The Use of Electrical Potential
Faraday's Law
The direction of the electric field at several points can be illustrated graphically using force lines (imaginary). This basic concept was put forward by Michael Faraday who said:
A line of force in an electric field is a
lines of force are drawn when tangents at each point indicate the direction of the electric field at that point.
Force line direction
The line of force goes out from the positive charge and into the negative force. To show the directions of the force lines an experiment can be carried out as follows:
The strength of the electric field at a point in space is proportional to the number of lines of force per unit surface area that is perpendicular to the electric field at that point. It can be concluded that the strength of the electric field will feel strong if the distance between the two charges is close together, so that the resulting line of force is very tight.
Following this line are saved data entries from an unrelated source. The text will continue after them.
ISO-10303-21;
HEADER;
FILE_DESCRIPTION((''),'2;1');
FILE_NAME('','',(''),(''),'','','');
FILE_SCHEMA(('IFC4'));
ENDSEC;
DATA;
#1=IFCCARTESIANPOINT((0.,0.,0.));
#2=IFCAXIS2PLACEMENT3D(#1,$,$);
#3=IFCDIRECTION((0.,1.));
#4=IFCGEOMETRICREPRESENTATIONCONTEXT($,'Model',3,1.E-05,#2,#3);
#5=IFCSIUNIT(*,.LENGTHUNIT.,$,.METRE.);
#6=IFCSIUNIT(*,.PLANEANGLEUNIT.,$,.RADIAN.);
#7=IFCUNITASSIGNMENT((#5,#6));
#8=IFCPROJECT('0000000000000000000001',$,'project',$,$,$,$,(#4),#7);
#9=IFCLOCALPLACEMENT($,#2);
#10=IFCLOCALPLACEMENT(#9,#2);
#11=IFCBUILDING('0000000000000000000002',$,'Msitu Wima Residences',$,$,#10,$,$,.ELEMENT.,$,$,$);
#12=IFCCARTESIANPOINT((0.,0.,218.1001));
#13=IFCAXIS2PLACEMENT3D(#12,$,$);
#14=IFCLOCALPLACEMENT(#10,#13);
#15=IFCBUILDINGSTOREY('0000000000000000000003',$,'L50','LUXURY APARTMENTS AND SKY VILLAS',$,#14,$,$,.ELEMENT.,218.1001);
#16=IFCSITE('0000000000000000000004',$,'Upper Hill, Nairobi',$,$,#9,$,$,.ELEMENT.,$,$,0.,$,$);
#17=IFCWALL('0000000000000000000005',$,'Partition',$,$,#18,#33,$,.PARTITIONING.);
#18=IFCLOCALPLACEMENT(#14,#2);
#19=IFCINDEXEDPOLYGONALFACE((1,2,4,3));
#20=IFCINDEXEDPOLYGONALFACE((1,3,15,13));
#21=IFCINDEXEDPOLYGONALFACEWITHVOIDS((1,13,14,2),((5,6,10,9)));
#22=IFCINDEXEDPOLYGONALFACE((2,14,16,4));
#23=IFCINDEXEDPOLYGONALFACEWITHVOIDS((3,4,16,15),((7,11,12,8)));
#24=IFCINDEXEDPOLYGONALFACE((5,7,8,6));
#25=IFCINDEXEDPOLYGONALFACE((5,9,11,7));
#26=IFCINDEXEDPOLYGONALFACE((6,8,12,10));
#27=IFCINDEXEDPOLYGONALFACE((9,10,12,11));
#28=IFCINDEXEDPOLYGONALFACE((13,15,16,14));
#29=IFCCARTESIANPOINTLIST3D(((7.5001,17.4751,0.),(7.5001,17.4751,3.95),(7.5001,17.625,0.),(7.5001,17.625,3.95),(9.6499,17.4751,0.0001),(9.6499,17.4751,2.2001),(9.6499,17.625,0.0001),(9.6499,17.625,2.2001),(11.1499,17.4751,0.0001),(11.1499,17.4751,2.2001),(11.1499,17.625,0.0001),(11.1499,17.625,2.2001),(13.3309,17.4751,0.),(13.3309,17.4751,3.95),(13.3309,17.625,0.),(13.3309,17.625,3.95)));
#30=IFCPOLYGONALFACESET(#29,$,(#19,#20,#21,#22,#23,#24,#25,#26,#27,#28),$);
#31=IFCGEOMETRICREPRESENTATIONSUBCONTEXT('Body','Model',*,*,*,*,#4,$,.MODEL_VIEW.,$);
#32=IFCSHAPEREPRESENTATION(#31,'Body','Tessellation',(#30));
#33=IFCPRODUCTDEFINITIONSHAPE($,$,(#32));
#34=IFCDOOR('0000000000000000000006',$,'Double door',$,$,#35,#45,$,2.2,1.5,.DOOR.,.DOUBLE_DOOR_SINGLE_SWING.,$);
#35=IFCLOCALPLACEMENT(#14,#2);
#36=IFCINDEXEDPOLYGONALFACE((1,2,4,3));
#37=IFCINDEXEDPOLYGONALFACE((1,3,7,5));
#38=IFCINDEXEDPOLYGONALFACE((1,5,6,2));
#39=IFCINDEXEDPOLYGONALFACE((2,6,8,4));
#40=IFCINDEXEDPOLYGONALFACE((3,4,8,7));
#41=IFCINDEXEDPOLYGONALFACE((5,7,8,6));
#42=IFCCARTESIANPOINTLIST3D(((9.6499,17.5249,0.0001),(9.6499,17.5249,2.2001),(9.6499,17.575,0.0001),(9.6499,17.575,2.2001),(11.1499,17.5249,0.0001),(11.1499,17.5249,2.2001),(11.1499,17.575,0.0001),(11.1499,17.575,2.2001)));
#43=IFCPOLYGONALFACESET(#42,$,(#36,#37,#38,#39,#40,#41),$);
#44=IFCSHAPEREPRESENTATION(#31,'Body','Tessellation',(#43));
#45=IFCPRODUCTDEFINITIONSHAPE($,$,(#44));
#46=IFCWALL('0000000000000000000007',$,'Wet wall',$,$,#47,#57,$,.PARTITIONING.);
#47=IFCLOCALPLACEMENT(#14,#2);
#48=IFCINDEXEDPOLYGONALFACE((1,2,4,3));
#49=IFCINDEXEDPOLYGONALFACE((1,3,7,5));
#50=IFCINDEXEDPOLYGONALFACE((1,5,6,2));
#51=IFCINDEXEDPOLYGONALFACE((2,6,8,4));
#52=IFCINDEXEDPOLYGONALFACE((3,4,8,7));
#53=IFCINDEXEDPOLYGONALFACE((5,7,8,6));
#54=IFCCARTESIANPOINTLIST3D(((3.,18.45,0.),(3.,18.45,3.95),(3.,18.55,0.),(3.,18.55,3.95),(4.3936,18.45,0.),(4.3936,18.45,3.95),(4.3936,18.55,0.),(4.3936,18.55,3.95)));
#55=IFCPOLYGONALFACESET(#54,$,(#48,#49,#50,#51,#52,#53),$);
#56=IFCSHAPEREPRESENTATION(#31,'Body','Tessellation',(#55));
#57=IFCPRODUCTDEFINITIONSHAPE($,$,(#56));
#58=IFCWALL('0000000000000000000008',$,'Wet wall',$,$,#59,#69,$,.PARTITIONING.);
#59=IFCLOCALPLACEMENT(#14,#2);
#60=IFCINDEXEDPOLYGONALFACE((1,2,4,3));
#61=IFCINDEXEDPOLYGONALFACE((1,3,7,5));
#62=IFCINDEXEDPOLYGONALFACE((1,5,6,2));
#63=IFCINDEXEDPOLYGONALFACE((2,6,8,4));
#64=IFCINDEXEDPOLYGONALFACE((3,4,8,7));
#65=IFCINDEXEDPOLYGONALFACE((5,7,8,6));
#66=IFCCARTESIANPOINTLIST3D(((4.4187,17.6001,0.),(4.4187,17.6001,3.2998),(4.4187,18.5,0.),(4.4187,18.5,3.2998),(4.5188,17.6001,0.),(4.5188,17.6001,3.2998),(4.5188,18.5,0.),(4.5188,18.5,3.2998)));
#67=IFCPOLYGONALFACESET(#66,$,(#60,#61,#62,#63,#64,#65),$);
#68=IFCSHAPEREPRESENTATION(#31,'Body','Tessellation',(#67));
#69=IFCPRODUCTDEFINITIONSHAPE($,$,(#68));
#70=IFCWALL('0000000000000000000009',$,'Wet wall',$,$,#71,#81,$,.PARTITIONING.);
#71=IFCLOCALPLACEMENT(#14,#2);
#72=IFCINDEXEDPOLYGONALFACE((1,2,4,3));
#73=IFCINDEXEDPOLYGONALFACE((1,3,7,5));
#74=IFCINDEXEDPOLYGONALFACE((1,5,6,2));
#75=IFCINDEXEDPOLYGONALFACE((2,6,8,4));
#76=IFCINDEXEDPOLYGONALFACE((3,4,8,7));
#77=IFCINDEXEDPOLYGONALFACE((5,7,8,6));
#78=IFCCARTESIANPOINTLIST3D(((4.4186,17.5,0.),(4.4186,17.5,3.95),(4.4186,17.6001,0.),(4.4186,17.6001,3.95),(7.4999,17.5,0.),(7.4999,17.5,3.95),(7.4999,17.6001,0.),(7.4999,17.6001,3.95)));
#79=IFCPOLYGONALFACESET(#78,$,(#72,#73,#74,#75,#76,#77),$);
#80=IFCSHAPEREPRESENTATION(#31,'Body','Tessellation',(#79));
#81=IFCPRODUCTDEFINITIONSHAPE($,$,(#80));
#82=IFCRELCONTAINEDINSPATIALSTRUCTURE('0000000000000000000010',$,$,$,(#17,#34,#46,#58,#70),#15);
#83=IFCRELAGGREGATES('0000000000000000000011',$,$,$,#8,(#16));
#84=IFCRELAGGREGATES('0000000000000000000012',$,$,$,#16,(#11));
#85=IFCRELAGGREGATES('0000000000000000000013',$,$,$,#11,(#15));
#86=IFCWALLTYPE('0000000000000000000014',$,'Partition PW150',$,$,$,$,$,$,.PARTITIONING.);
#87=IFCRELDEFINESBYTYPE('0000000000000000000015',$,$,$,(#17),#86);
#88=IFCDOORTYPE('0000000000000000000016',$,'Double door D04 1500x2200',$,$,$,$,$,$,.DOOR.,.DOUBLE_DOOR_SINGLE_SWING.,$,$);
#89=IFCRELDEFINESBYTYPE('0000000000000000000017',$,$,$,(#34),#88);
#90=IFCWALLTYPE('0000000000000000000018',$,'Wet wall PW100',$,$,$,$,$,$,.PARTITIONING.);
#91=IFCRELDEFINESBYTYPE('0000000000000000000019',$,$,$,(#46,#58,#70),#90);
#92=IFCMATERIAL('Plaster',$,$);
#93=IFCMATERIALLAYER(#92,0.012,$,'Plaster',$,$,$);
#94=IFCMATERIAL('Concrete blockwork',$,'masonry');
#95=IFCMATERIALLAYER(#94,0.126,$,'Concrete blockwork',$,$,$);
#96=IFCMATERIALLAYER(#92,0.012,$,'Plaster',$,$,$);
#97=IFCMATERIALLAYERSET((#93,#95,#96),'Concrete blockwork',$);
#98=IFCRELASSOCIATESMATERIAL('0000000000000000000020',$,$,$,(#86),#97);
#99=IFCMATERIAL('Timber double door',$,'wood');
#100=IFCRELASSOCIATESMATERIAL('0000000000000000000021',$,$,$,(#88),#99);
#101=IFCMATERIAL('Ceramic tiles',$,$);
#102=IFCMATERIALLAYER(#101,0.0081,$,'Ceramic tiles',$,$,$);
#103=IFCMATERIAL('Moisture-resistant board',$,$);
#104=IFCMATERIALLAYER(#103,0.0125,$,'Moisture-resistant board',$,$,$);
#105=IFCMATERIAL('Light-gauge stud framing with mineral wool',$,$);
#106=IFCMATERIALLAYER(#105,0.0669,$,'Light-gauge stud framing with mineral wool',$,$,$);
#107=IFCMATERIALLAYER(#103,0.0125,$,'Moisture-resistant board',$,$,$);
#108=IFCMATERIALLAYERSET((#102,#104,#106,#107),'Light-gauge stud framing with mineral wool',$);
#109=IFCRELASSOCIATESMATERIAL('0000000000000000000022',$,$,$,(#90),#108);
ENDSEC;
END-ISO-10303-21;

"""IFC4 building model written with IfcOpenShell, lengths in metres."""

from ifc_helpers import new_model, si_unit, direction, frame, frame_2d, origin, place, context, subcontext, project, spatial, rectangle, extrude, material, layer, layer_set, type_object, element, fill, save


model = new_model("IFC4")

# Units and contexts
model_context = context("Model", 3, precision=1e-05, world=origin(), true_north=direction((0.0, 1.0)))
body_context = subcontext(model_context, "Body", "Model", "MODEL_VIEW")
ifc_project = project(units=[si_unit("LENGTHUNIT", "METRE"), si_unit("PLANEANGLEUNIT", "RADIAN")], contexts=[model_context])

# Site, building, storey
site_placement = place(None, origin())
site = spatial("IfcSite", under=ifc_project, at=site_placement, Name="Upper Hill, Nairobi", CompositionType="ELEMENT", RefElevation=0.0)
building_placement = place(site_placement, origin())
building = spatial("IfcBuilding", under=site, at=building_placement, Name="Msitu Wima Residences", CompositionType="ELEMENT")
storey_placement = place(building_placement, frame((0.0, 0.0, 218.1001)))
storey = spatial("IfcBuildingStorey", under=building, at=storey_placement, Name="L50", Description="LUXURY APARTMENTS AND SKY VILLAS", CompositionType="ELEMENT", Elevation=218.1001)

# Shared definitions
ifc_material_1 = material(Name="Plaster")
ifc_layer_1 = layer(ifc_material_1, 0.012, Name="Plaster")
ifc_material_2 = material(Name="Concrete blockwork", Category="masonry")
ifc_layer_2 = layer(ifc_material_2, 0.126, Name="Concrete blockwork")
ifc_layer_3 = layer(ifc_material_1, 0.012, Name="Plaster")
ifc_layer_set_1 = layer_set([ifc_layer_1, ifc_layer_2, ifc_layer_3], Name="Concrete blockwork")
wall_type_1 = type_object("IfcWallType", Name="Partition PW150", PredefinedType="PARTITIONING", material=ifc_layer_set_1)

# Wall, opening, door
ifc_material_3 = material(Name="Timber double door", Category="wood")
door_type_1 = type_object("IfcDoorType", Name="Double door D04 1500x2200", OperationType="DOUBLE_DOOR_SINGLE_SWING", PredefinedType="DOOR", material=ifc_material_3)
wall_1_placement = place(storey_placement, frame((7.5, 17.55, 0.0), z_axis=(0.0, 0.0, 1.0), x_axis=(1.0, 0.0, 0.0)))
wall_1 = element("IfcWall", 1, at=wall_1_placement, inside=storey, type_object=wall_type_1, Name="Partition", PredefinedType="PARTITIONING", context=body_context, shape_type="SweptSolid", body=[
    extrude(rectangle(XDim=5.8308, YDim=0.1499, at=frame_2d((2.9155, 0.0))), origin(), (0.0, 0.0, 1.0), 3.95),
])
opening_1_placement = place(wall_1_placement, frame((2.1499, 0.0, 0.0)))
opening_1 = element("IfcOpeningElement", 2, at=opening_1_placement, cuts=wall_1, PredefinedType="OPENING", context=body_context, shape_type="SweptSolid", body=[
    extrude(rectangle(XDim=1.5, YDim=2.2, at=frame_2d((0.75, 1.1001))), frame((0.0, 0.085, 0.0), z_axis=(0.0, -1.0, 0.0), x_axis=(1.0, 0.0, 0.0)), (0.0, 0.0, 1.0), 0.1699),
])
door_1_placement = place(opening_1_placement, origin())
door_1 = element("IfcDoor", 3, at=door_1_placement, inside=storey, type_object=door_type_1, Name="Double door", OperationType="DOUBLE_DOOR_SINGLE_SWING", OverallHeight=2.2, OverallWidth=1.5, PredefinedType="DOOR", context=body_context, shape_type="SweptSolid", body=[
    extrude(rectangle(XDim=1.5, YDim=2.2, at=frame_2d((0.75, 1.1001))), frame((0.0, 0.0249, 0.0), z_axis=(0.0, -1.0, 0.0), x_axis=(1.0, 0.0, 0.0)), (0.0, 0.0, 1.0), 0.05),
])
fill(opening_1, door_1)

# Walls
ifc_material_4 = material(Name="Ceramic tiles")
ifc_layer_4 = layer(ifc_material_4, 0.0081, Name="Ceramic tiles")
ifc_material_5 = material(Name="Moisture-resistant board")
ifc_layer_5 = layer(ifc_material_5, 0.0125, Name="Moisture-resistant board")
ifc_material_6 = material(Name="Light-gauge stud framing with mineral wool")
ifc_layer_6 = layer(ifc_material_6, 0.0669, Name="Light-gauge stud framing with mineral wool")
ifc_layer_7 = layer(ifc_material_5, 0.0125, Name="Moisture-resistant board")
ifc_layer_set_2 = layer_set([ifc_layer_4, ifc_layer_5, ifc_layer_6, ifc_layer_7], Name="Light-gauge stud framing with mineral wool")
wall_type_2 = type_object("IfcWallType", Name="Wet wall PW100", PredefinedType="PARTITIONING", material=ifc_layer_set_2)
wall_2_placement = place(storey_placement, frame((3.0, 18.5, 0.0), z_axis=(0.0, 0.0, 1.0), x_axis=(1.0, 0.0, 0.0)))
element("IfcWall", 4, at=wall_2_placement, inside=storey, type_object=wall_type_2, Name="Wet wall", PredefinedType="PARTITIONING", context=body_context, shape_type="SweptSolid", body=[
    extrude(rectangle(XDim=1.3936, YDim=0.1001, at=frame_2d((0.6968, 0.0))), origin(), (0.0, 0.0, 1.0), 3.95),
])
wall_3_placement = place(storey_placement, frame((4.4688, 17.6001, 0.0), z_axis=(0.0, 0.0, 1.0), x_axis=(0.0, 1.0, 0.0)))
element("IfcWall", 5, at=wall_3_placement, inside=storey, type_object=wall_type_2, Name="Wet wall", PredefinedType="PARTITIONING", context=body_context, shape_type="SweptSolid", body=[
    extrude(rectangle(XDim=0.8999, YDim=0.1001, at=frame_2d((0.45, 0.0))), origin(), (0.0, 0.0, 1.0), 3.2998),
])
wall_4_placement = place(storey_placement, frame((4.4187, 17.55, 0.0), z_axis=(0.0, 0.0, 1.0), x_axis=(1.0, 0.0, 0.0)))
element("IfcWall", 6, at=wall_4_placement, inside=storey, type_object=wall_type_2, Name="Wet wall", PredefinedType="PARTITIONING", context=body_context, shape_type="SweptSolid", body=[
    extrude(rectangle(XDim=3.0813, YDim=0.1001, at=frame_2d((1.5405, 0.0))), origin(), (0.0, 0.0, 1.0), 3.95),
])

save(model, "model.ifc")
Conversely, if the two charges are far apart, the strong electric field that is formed will be weak.
The use of electrical potential can be connected with
the concept of electric fields, the basics of electrical circuits, as well as practical problems associated with electrical devices. To explain
the definition and nature of two points with potential difference that lie in an electric field as potential differences between the two points.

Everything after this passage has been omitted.